Q: You filmed dancing scenes. How was that for you?

“It was incredible. The most beautiful dresses I’ve ever seen and all the men got to wear tails and gloves and dancing attire. I had a waltzing class before we filmed the dancing for Frank’s coming of age ball and I thought it was going to be OK. I wasn’t going to worry about it until I discovered I had to open the ball in front of 100 people. Even though we’re on set together and you know it’s all about the camera, there are still 100 people around watching you try and dance. There was a lot of tripping up, which kept it really fun. We all ended up going around in a circle having a brilliant time and then someone would go down and it would be like a Tour de France crash where everyone just piles on top of each other. It brought us all together. But I didn’t fall down too much.”

Q: Did your costumes help you get into character?

“Acting in those costumes is just cheating. It’s the easiest thing ever. They put so much work into every little detail that as soon as you put them on it’s hard not to get into character. It makes you understand the etiquette very easily. You realise things about how people dealt with each other, that the physicality is either restricted or enhanced by what they’re wearing. It does force you to behave when you’re in three‐piece tails and a bow tie.”

Q: And how was the horse riding?

“I loved it. I had done a little bit before but I was very cautious. I had no idea how to canter or how to look like an Englishman on a horse. They’re film horses, you touch them and they go backwards or they’ll turn around and do U-turns. They’re easier to drive than a car. It’s great fun.”

Q: Tell us about the locations you filmed in?

“It’s been the most beautiful tour of the English countryside. We lived in a castle for a week at one stage and slept in big four poster beds, all of that allows you to really live in that world. We had a scene while in Bath, a political debate between two of the main characters. There were about 100 supporting artistes all in period attire, and Ian McShane, as Sir Roger Scatcherd, was making a big speech. You look one way and there’s the camera and crew. Then you turn around and suddenly you’re back in the 19th century. It’s really special. Every day is an experience, so far from my own life. It’s been magical. A real fairytale.”

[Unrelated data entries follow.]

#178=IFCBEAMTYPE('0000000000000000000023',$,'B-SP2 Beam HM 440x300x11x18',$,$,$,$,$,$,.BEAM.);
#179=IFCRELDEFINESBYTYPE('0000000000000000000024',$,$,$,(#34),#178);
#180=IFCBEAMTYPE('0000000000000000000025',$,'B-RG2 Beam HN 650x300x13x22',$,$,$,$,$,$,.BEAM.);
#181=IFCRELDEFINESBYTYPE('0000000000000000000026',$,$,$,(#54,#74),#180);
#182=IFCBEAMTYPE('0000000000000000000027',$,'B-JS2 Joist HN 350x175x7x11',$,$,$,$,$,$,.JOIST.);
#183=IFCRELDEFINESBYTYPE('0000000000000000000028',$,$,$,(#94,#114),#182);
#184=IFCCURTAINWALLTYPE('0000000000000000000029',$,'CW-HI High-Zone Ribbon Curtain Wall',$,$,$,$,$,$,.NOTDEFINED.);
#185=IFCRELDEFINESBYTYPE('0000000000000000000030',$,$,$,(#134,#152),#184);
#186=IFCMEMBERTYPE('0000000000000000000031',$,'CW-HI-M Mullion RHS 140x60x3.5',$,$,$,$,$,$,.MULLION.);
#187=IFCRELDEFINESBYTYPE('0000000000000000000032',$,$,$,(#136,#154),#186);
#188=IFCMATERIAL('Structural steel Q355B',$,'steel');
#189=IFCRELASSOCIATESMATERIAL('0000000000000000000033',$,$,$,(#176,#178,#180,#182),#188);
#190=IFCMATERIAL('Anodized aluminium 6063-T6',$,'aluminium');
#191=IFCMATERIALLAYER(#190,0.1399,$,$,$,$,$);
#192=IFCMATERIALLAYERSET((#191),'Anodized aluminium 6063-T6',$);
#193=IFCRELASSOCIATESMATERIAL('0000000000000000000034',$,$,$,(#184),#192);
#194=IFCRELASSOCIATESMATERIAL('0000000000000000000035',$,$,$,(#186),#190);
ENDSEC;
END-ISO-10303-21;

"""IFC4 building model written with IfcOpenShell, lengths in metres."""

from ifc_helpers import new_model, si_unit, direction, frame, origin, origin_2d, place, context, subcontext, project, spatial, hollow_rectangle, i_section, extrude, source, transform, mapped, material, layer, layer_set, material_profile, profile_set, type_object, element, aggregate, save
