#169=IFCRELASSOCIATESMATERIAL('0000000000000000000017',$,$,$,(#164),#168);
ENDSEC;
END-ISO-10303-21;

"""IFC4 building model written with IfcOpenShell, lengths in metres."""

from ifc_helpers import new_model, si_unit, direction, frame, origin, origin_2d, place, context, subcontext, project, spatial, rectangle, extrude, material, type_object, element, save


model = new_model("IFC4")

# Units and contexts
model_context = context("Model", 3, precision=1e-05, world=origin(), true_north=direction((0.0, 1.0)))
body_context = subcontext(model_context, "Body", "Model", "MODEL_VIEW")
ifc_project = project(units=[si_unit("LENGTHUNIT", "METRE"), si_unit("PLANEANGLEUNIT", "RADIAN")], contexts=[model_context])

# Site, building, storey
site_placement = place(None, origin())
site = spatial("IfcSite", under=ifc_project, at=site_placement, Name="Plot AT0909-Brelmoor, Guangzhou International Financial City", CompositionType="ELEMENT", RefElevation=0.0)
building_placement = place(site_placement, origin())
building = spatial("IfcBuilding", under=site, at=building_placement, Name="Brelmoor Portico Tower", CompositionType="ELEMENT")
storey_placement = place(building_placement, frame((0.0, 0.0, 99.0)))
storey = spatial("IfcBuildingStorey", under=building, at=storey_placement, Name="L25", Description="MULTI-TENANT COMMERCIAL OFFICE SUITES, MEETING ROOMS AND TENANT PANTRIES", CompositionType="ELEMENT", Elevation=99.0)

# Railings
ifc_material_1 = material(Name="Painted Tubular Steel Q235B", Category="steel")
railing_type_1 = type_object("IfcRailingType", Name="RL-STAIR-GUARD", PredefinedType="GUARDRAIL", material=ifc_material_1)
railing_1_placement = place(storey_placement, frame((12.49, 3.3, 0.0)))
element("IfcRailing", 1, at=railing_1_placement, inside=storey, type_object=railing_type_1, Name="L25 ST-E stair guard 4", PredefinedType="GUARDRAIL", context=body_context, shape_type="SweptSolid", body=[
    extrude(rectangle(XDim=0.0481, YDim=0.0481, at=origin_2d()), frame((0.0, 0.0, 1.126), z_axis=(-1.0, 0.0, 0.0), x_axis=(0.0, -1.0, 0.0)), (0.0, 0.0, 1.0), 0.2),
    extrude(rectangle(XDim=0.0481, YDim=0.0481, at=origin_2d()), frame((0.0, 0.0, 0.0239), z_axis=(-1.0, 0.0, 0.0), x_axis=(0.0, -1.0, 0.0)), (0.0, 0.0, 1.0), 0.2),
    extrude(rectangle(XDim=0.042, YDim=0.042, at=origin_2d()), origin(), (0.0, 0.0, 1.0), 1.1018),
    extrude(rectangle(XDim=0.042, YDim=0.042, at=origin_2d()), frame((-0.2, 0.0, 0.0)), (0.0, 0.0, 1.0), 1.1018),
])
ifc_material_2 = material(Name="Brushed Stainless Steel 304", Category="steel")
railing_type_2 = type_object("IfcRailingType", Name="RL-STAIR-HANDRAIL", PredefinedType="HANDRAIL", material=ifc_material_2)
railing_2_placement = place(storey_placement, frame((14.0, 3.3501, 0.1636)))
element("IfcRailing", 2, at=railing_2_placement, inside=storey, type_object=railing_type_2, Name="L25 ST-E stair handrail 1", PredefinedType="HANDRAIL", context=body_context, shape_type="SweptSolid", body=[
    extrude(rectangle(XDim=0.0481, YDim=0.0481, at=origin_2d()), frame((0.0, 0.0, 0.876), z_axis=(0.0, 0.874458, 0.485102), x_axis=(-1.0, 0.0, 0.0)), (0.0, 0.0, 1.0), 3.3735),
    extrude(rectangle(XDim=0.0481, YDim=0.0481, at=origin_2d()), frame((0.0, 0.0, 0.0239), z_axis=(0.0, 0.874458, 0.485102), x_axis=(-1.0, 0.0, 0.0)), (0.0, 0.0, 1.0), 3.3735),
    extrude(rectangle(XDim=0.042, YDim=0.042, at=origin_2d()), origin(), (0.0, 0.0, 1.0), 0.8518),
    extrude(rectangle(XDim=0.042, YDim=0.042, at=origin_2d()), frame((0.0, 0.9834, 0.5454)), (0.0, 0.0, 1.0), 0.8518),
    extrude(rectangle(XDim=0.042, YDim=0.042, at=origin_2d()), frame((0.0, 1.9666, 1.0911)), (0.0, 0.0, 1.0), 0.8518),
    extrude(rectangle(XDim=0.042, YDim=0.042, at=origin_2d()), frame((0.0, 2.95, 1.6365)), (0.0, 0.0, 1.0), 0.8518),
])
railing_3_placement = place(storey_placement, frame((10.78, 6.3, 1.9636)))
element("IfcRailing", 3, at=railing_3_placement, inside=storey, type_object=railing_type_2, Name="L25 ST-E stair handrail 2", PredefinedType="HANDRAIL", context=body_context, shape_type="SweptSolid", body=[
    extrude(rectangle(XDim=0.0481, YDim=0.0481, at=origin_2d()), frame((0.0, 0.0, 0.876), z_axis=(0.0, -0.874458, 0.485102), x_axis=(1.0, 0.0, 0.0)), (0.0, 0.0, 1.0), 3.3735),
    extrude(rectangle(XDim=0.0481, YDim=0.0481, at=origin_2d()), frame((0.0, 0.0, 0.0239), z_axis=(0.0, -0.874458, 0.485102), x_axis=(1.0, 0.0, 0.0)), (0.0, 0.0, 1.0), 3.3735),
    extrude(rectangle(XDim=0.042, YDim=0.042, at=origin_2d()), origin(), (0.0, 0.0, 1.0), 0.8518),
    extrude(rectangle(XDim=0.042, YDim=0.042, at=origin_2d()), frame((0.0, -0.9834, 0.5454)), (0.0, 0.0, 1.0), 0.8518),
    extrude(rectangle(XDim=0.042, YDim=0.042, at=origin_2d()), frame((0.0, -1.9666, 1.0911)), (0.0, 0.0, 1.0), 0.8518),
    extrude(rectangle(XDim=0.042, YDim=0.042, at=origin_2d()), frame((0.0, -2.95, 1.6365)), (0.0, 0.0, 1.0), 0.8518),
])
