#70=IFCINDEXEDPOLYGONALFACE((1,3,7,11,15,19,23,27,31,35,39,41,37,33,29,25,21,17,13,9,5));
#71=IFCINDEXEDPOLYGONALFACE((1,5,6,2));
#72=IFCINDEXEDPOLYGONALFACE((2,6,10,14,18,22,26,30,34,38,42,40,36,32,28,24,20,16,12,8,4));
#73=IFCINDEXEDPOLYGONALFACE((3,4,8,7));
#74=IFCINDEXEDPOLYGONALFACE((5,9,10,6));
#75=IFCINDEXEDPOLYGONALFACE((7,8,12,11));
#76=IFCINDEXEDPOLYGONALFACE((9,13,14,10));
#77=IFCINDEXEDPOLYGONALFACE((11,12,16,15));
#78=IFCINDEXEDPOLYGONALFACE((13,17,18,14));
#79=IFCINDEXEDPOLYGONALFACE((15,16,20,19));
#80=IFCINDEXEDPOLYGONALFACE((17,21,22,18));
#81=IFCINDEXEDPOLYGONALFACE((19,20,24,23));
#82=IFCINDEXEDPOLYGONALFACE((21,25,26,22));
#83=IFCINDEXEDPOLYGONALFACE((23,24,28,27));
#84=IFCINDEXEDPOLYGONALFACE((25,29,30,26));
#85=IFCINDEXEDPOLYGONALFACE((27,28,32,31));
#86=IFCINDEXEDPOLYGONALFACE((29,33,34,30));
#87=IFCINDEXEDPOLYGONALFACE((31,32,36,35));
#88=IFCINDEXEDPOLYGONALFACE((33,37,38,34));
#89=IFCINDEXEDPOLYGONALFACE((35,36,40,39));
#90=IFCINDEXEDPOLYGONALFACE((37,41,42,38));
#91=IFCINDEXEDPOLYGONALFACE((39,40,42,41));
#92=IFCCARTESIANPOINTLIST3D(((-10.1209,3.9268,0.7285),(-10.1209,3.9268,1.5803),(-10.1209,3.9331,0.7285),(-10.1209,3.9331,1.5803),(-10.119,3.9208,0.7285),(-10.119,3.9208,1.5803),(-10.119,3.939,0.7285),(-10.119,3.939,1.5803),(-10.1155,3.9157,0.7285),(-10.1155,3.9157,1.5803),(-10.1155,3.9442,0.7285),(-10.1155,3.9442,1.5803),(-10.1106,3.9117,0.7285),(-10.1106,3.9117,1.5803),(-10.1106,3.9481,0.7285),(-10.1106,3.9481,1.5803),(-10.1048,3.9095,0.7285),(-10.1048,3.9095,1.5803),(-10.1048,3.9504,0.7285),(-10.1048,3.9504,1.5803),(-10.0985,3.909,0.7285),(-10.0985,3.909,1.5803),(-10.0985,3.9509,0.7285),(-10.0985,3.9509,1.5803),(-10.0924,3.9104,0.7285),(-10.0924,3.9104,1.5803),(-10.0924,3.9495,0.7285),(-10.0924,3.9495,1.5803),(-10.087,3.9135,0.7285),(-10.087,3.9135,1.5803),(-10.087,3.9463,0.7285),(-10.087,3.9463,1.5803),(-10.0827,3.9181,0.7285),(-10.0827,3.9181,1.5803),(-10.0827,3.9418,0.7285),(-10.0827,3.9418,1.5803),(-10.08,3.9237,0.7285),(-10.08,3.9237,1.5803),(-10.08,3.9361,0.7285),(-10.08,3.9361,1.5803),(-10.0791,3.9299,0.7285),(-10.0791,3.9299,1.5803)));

Q: Living in Australia, did you know much about Julian Fellowes?

“I watched Downton Abbey whilst I was at drama school when we were all learning received pronunciation, it’s a great example of class interplay, subtext and juicy conflict. Julian is the best. He is very knowing and full of subtext and totally exciting and terrifying at the same time. He brings such detail to a script and knowledge of the whole world, the details of how things were done back then, including etiquette, how people hold themselves and deal with the clothes plus tone and class. You don’t feel too terrified to play in this world that feels so far from home because we all trust his knowledge and vision.”

Q: Frank’s family are in debt and face losing everything. Has there ever been time when you were down to your last few pounds or dollars?

“At acting school you’re always short of money. Nine till six at drama school means no‐one can get a job. I can relate to Frank in other ways too such as family pressures to follow certain paths and then having to overcome that. So that made Frank a really nice character to explore.”

Q: Why do you think audiences love period dramas so much?

“In Britain there is this fascinating obsession with period dramas. People love them. It’s a really beautiful platform to be able to discuss things that are relevant but at a distance. You dive into something else to explore what your life is. It’s a fascinating time when etiquette and rules were so different, so it’s interesting to see how people lived back then. This is a period of expression, exploration and change and some brilliant literature, like Doctor Thorne, was written then.”